C code can easily be intergrated into this setup. E.g, this might become an OS kernel.

/* src/kernel.c */

#define VGA_COLUMNS_NUM 80
#define VGA_ROWS_NUM 25

#define ARRAY_SIZE(arr) ((int)sizeof(arr) / (int)sizeof((arr)[0]))

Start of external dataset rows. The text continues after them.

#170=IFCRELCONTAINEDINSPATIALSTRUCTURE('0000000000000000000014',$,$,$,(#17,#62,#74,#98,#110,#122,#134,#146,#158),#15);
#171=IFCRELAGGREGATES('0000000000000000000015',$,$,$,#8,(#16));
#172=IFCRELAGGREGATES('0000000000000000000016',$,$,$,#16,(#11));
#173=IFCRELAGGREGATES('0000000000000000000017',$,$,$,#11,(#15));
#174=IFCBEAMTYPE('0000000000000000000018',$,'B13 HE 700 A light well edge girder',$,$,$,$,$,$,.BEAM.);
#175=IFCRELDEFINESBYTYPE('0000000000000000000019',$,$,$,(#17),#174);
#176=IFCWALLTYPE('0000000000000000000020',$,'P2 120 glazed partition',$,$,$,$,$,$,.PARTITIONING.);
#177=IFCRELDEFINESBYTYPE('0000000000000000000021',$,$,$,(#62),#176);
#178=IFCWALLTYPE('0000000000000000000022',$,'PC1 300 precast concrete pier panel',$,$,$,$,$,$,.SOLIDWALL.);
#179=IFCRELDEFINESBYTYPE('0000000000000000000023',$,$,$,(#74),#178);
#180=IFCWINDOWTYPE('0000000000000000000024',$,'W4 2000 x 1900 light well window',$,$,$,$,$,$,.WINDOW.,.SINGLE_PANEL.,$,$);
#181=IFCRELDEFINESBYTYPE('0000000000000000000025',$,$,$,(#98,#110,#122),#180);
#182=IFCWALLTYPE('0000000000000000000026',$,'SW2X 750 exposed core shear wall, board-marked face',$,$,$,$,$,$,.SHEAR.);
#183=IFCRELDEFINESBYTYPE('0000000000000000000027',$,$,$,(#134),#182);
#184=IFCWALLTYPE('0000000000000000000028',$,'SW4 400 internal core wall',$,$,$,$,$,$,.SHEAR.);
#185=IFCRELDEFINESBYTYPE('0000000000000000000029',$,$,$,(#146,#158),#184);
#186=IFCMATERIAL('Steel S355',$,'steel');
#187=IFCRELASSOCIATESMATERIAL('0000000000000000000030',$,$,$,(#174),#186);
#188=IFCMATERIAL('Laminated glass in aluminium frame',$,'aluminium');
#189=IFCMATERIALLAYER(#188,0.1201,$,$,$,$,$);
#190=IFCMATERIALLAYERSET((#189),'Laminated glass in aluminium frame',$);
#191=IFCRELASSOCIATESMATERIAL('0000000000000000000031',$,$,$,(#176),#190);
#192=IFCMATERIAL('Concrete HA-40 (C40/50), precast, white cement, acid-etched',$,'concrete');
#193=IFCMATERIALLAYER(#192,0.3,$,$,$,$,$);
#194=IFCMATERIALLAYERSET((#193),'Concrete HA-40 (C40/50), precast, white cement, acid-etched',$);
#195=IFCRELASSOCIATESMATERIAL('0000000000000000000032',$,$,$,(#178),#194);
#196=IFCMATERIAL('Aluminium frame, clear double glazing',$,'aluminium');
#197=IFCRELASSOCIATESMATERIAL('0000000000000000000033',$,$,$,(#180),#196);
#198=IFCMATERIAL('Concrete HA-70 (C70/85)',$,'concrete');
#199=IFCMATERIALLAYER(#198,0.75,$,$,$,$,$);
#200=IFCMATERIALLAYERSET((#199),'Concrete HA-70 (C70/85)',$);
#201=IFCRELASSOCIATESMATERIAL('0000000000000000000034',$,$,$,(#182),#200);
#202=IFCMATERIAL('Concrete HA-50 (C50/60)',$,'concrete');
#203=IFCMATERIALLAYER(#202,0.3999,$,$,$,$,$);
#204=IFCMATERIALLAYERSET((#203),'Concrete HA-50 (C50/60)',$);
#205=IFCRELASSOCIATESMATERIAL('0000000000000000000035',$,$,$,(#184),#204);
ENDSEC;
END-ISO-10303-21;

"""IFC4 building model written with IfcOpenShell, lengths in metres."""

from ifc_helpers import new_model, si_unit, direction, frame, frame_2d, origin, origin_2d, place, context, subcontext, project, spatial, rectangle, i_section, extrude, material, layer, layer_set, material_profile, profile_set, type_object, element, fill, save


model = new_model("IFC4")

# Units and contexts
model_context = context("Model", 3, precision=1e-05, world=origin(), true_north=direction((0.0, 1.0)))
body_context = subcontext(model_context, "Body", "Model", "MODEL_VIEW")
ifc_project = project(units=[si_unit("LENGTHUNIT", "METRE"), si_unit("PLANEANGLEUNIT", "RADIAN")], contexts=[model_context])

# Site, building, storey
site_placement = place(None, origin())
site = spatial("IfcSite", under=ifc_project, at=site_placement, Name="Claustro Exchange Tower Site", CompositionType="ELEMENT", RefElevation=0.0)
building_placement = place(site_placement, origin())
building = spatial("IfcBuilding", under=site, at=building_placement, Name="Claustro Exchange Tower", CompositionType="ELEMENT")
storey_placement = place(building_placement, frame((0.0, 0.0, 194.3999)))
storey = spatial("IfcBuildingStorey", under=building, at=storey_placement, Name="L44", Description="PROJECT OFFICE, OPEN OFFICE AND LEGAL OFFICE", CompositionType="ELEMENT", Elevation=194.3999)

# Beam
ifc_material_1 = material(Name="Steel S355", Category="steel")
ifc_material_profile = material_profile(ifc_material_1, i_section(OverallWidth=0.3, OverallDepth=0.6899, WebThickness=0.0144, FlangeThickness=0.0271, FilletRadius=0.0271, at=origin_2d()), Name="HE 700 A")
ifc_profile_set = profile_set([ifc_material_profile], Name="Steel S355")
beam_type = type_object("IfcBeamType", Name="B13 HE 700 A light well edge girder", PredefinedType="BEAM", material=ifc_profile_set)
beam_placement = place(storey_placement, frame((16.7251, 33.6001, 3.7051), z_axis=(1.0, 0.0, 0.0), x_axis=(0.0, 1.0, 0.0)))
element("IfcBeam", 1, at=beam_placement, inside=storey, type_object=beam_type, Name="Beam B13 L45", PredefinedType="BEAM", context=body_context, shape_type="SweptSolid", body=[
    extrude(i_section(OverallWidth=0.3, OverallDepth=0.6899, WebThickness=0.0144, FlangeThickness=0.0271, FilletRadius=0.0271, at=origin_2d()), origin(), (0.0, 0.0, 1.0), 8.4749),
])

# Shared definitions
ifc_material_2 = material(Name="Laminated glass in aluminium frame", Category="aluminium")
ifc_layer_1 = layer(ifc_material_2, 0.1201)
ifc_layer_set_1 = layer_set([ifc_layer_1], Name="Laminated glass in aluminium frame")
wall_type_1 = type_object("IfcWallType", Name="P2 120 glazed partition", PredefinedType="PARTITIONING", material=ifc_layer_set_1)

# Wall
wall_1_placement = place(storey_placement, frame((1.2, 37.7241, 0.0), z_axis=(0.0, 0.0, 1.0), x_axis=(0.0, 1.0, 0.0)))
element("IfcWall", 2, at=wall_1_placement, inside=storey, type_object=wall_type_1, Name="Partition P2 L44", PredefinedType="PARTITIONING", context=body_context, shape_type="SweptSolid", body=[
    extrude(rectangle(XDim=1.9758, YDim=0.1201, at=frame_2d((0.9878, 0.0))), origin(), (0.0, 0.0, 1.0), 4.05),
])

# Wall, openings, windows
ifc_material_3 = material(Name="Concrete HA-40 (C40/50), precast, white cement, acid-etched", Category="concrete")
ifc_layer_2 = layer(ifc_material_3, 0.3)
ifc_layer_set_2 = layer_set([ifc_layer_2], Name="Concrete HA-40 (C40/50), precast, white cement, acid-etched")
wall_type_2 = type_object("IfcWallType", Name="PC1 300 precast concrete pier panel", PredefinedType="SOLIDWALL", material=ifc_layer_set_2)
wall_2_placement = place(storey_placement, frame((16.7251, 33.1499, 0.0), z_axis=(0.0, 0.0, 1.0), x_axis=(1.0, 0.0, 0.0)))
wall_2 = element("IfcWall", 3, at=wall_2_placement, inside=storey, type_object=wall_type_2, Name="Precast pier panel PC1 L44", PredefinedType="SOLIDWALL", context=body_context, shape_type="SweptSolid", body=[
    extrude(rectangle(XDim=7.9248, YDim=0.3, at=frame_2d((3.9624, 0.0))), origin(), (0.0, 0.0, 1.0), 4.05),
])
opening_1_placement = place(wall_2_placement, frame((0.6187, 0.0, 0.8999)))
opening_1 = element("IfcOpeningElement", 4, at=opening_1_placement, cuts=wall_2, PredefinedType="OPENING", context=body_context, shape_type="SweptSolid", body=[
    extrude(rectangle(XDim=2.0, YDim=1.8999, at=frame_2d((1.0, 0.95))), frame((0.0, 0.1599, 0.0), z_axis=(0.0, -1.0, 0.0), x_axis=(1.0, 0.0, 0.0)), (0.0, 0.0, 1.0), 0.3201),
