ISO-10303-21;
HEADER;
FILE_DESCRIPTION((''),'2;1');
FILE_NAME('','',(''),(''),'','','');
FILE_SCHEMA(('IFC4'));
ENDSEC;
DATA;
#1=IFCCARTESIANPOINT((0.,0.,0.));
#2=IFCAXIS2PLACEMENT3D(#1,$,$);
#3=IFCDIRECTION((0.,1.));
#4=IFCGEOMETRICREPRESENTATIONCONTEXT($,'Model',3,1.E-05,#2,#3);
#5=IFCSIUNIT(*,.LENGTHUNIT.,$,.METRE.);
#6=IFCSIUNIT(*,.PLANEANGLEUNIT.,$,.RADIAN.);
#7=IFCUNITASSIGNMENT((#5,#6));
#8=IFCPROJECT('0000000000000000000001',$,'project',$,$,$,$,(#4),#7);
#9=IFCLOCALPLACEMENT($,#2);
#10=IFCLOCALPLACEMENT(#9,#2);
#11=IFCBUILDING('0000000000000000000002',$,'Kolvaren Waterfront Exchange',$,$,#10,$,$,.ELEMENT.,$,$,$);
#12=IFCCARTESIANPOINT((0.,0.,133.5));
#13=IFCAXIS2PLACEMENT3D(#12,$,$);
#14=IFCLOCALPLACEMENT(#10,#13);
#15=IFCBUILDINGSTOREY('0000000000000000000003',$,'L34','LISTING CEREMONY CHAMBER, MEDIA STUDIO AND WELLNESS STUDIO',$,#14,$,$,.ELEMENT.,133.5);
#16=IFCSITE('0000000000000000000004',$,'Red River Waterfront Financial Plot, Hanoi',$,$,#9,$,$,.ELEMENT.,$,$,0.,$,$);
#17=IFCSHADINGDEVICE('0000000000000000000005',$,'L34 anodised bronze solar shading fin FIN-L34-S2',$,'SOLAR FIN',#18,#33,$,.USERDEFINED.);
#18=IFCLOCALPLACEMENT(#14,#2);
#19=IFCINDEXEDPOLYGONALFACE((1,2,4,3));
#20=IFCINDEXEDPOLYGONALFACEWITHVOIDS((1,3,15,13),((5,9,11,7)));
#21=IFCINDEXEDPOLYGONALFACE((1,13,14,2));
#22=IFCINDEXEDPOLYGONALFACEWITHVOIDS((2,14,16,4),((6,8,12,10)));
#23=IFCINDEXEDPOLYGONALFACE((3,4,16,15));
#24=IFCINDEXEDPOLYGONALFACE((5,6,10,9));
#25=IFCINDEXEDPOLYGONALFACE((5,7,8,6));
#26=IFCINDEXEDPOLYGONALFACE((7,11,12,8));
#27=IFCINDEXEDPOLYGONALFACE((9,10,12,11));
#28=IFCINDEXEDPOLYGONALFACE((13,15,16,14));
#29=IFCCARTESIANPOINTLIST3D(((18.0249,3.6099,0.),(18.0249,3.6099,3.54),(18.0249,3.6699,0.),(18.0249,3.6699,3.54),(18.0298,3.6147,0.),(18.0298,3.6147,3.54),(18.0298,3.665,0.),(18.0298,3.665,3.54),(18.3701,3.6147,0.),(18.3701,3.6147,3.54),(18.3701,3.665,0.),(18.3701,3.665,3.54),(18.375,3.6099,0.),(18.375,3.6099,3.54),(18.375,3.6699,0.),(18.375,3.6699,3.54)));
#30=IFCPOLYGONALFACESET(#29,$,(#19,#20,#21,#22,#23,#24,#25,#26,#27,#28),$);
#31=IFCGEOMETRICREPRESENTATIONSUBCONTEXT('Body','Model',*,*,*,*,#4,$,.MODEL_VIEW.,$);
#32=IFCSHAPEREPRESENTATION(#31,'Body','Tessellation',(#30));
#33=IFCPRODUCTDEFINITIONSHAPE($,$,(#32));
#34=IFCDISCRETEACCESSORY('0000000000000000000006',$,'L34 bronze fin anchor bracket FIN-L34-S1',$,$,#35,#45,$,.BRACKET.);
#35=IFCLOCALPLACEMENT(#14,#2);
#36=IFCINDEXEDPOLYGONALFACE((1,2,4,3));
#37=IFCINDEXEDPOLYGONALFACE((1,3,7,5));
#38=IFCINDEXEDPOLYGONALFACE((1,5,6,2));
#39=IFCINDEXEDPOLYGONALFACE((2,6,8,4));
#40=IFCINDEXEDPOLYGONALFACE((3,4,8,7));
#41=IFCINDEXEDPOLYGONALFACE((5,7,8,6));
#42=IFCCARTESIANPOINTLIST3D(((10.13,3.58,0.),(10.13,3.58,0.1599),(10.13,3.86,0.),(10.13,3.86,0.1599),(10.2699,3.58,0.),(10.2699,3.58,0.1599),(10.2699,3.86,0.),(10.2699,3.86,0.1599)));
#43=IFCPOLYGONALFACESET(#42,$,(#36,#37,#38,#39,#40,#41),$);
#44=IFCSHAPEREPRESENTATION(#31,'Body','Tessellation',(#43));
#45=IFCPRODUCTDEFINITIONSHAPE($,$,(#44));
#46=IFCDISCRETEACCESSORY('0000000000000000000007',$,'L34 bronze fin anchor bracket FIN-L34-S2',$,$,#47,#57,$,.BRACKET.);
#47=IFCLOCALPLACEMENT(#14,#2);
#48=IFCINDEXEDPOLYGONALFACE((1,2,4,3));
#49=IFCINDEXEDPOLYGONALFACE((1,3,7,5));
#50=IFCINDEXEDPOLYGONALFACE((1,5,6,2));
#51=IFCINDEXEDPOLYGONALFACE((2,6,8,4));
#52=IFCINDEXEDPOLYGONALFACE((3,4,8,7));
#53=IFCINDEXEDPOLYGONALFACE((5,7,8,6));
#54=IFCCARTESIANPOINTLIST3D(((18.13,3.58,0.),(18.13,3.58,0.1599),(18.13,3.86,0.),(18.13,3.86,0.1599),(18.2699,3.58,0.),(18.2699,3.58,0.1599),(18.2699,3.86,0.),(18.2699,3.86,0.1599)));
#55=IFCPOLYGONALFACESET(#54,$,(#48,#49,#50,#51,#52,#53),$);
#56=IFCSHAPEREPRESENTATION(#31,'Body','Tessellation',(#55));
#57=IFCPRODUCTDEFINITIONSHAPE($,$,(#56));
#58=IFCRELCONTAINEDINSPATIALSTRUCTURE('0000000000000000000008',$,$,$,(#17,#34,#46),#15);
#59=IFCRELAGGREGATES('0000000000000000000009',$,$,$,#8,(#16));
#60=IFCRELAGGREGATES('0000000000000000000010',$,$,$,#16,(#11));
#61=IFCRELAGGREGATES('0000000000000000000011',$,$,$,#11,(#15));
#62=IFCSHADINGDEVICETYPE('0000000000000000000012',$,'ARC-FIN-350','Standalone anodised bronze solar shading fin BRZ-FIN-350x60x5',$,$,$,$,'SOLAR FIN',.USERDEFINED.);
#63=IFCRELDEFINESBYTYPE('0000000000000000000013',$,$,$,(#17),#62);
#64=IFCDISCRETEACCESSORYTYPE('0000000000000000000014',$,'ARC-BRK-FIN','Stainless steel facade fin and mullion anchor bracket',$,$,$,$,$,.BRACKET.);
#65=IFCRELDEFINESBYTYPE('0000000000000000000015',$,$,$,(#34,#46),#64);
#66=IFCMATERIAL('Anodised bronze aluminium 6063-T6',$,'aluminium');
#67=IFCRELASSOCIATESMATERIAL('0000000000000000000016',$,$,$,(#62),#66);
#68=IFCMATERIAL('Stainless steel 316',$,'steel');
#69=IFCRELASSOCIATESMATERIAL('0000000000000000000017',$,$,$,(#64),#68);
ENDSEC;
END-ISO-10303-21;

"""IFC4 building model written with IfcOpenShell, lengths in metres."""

from ifc_helpers import new_model, si_unit, direction, frame, origin, origin_with_axes, origin_2d, place, context, subcontext, project, spatial, rectangle, hollow_rectangle, extrude, source, transform, mapped, material, material_profile, profile_set, type_object, element, save


model = new_model("IFC4")

# Units and contexts
model_context = context("Model", 3, precision=1e-05, world=origin(), true_north=direction((0.0, 1.0)))
body_context = subcontext(model_context, "Body", "Model", "MODEL_VIEW")
ifc_project = project(units=[si_unit("LENGTHUNIT", "METRE"), si_unit("PLANEANGLEUNIT", "RADIAN")], contexts=[model_context])

# Site, building, storey
site_placement = place(None, origin())
site = spatial("IfcSite", under=ifc_project, at=site_placement, Name="Red River Waterfront Financial Plot, Hanoi", CompositionType="ELEMENT", RefElevation=0.0)
building_placement = place(site_placement, origin())
building = spatial("IfcBuilding", under=site, at=building_placement, Name="Kolvaren Waterfront Exchange", CompositionType="ELEMENT")
storey_placement = place(building_placement, frame((0.0, 0.0, 133.5)))
storey = spatial("IfcBuildingStorey", under=building, at=storey_placement, Name="L34", Description="LISTING CEREMONY CHAMBER, MEDIA STUDIO AND WELLNESS STUDIO", CompositionType="ELEMENT", Elevation=133.5)

# Shared definitions
ifc_material_1 = material(Name="Anodised bronze aluminium 6063-T6", Category="aluminium")

# Shading device
ifc_material_profile_1 = material_profile(ifc_material_1, hollow_rectangle(XDim=0.0601, YDim=0.3501, WallThickness=0.0049, at=origin_2d()), Name="BRZ-FIN-350x60x5")
ifc_profile_set_1 = profile_set([ifc_material_profile_1], Name="Anodised bronze aluminium 6063-T6")
shading_device_type = type_object("IfcShadingDeviceType", Name="ARC-FIN-350", Description="Standalone anodised bronze solar shading fin BRZ-FIN-350x60x5", ElementType="SOLAR FIN", PredefinedType="USERDEFINED", material=ifc_profile_set_1)
for number, where, z_axis, x_axis, name in (
    (1, (18.2, 3.6399, 0.0), (0.0, 0.0, 1.0), (0.0, -1.0, 0.0), "L34 anodised bronze solar shading fin FIN-L34-S2"),
):
    element("IfcShadingDevice", number, at=place(storey_placement, frame(where, z_axis=z_axis, x_axis=x_axis)), inside=storey, type_object=shading_device_type, Name=name, ObjectType="SOLAR FIN", PredefinedType="USERDEFINED", context=body_context, shape_type="SweptSolid", body=[
        extrude(hollow_rectangle(XDim=0.0601, YDim=0.3501, WallThickness=0.0049, at=origin_2d()), origin(), (0.0, 0.0, 1.0), 3.54),
    ])

# Discrete accessories
ifc_material_2 = material(Name="Stainless steel 316", Category="steel")
discrete_accessory_type = type_object("IfcDiscreteAccessoryType", Name="ARC-BRK-FIN", Description="Stainless steel facade fin and mullion anchor bracket", PredefinedType="BRACKET", material=ifc_material_2)
shared_shape_1 = source(origin_with_axes(), body_context, "Body", "SweptSolid", [
    extrude(rectangle(XDim=0.28, YDim=0.1399, at=origin_2d()), origin(), (0.0, 0.0, 1.0), 0.1599),
])
for number, where, z_axis, x_axis, name in (
    (2, (10.2, 3.72, 0.0), (0.0, 0.0, 1.0), (0.0, -1.0, 0.0), "L34 bronze fin anchor bracket FIN-L34-S1"),
    (3, (18.2, 3.72, 0.0), (0.0, 0.0, 1.0), (0.0, -1.0, 0.0), "L34 bronze fin anchor bracket FIN-L34-S2"),
):
    element("IfcDiscreteAccessory", number, at=place(storey_placement, frame(where, z_axis=z_axis, x_axis=x_axis)), inside=storey, type_object=discrete_accessory_type, Name=name, PredefinedType="BRACKET", context=body_context, shape_type="MappedRepresentation", body=[
        mapped(shared_shape_1, transform((0.0, 0.0, 0.0), x_axis=(1.0, 0.0, 0.0), y_axis=(0.0, 1.0, 0.0), z_axis=(0.0, 0.0, 1.0), scale=1.0)),
    ])

save(model, "model.ifc")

void _start_kernel(void) {
	volatile char *vga_buf = (char *)0xb8000;
	const char msg[] = "Hello from C";
	int i;

	for (i = 0; i < VGA_COLUMNS_NUM * VGA_ROWS_NUM * 2; i++)
		vga_buf[i] = '\0';

	for (i = 0; i < ARRAY_SIZE(msg) - 1; i++) {
		vga_buf[i * 2] = msg[i];
		vga_buf[i * 2 + 1] = 0x07; /* White on black */
	}
}

Update src/stage2.s:

;; src/stage2.s

    ;; ...

    [bits 64]

start_long_mode:
    mov ebx, long_mode_msg
    call print_string64

    extern _start_kernel
    call _start_kernel

end64:
    hlt
    jmp end64

    ;; ...

The linker script:

# linker.ld

MEMORY
{
    boot_sector (rwx) : ORIGIN = 0x7c00, LENGTH = 512
    stage2 (rwx) : ORIGIN = 0x7e00, LENGTH = 512
    kernel (rwx) : ORIGIN = 0x8000, LENGTH = 0x10000
}

ENTRY(__start)
SECTIONS
{
    .boot_sector : { *(.boot_sector); } > boot_sector
    .bootsign (0x7c00 + 510) :
    {
        BYTE(0x55)
        BYTE(0xaa)
    } > boot_sector
    .stage2 : { *(.stage2); } > stage2
    .text : { *(.text); } > kernel
    .data : { *(.data); } > kernel
    .rodata : { *(.rodata); } > kernel
    .bss :
    {
        *(.bss)
        *(COMMON)
    } > kernel
}

Lastly, the Makefile needs to change. Here, I only included the lines that have changed.

# Makefile

# ...

CC := gcc
CFLAGS := -std=c99 -ffreestanding -m64 -mno-red-zone -fno-builtin -nostdinc -Wall -Wextra

# ...

SRC := $(wildcard $(SRC_DIR)/*)
OBJS := $(patsubst $(SRC_DIR)/%, $(BUILD_DIR)/%.o, $(SRC))

# ...

$(BUILD_DIR)/%.s.o: $(SRC_DIR)/%.s
	@mkdir -p $(dir $@)
	$(NASM) $< -o $@

$(BUILD_DIR)/%.c.o: $(SRC_DIR)/%.c
	@mkdir -p $(dir $@)
	$(CC) $(CFLAGS) -c $< -o $@

# ...

QEMU screenshot of the message printed by C code

Cool if you actually came along this far. The code is on GitHub.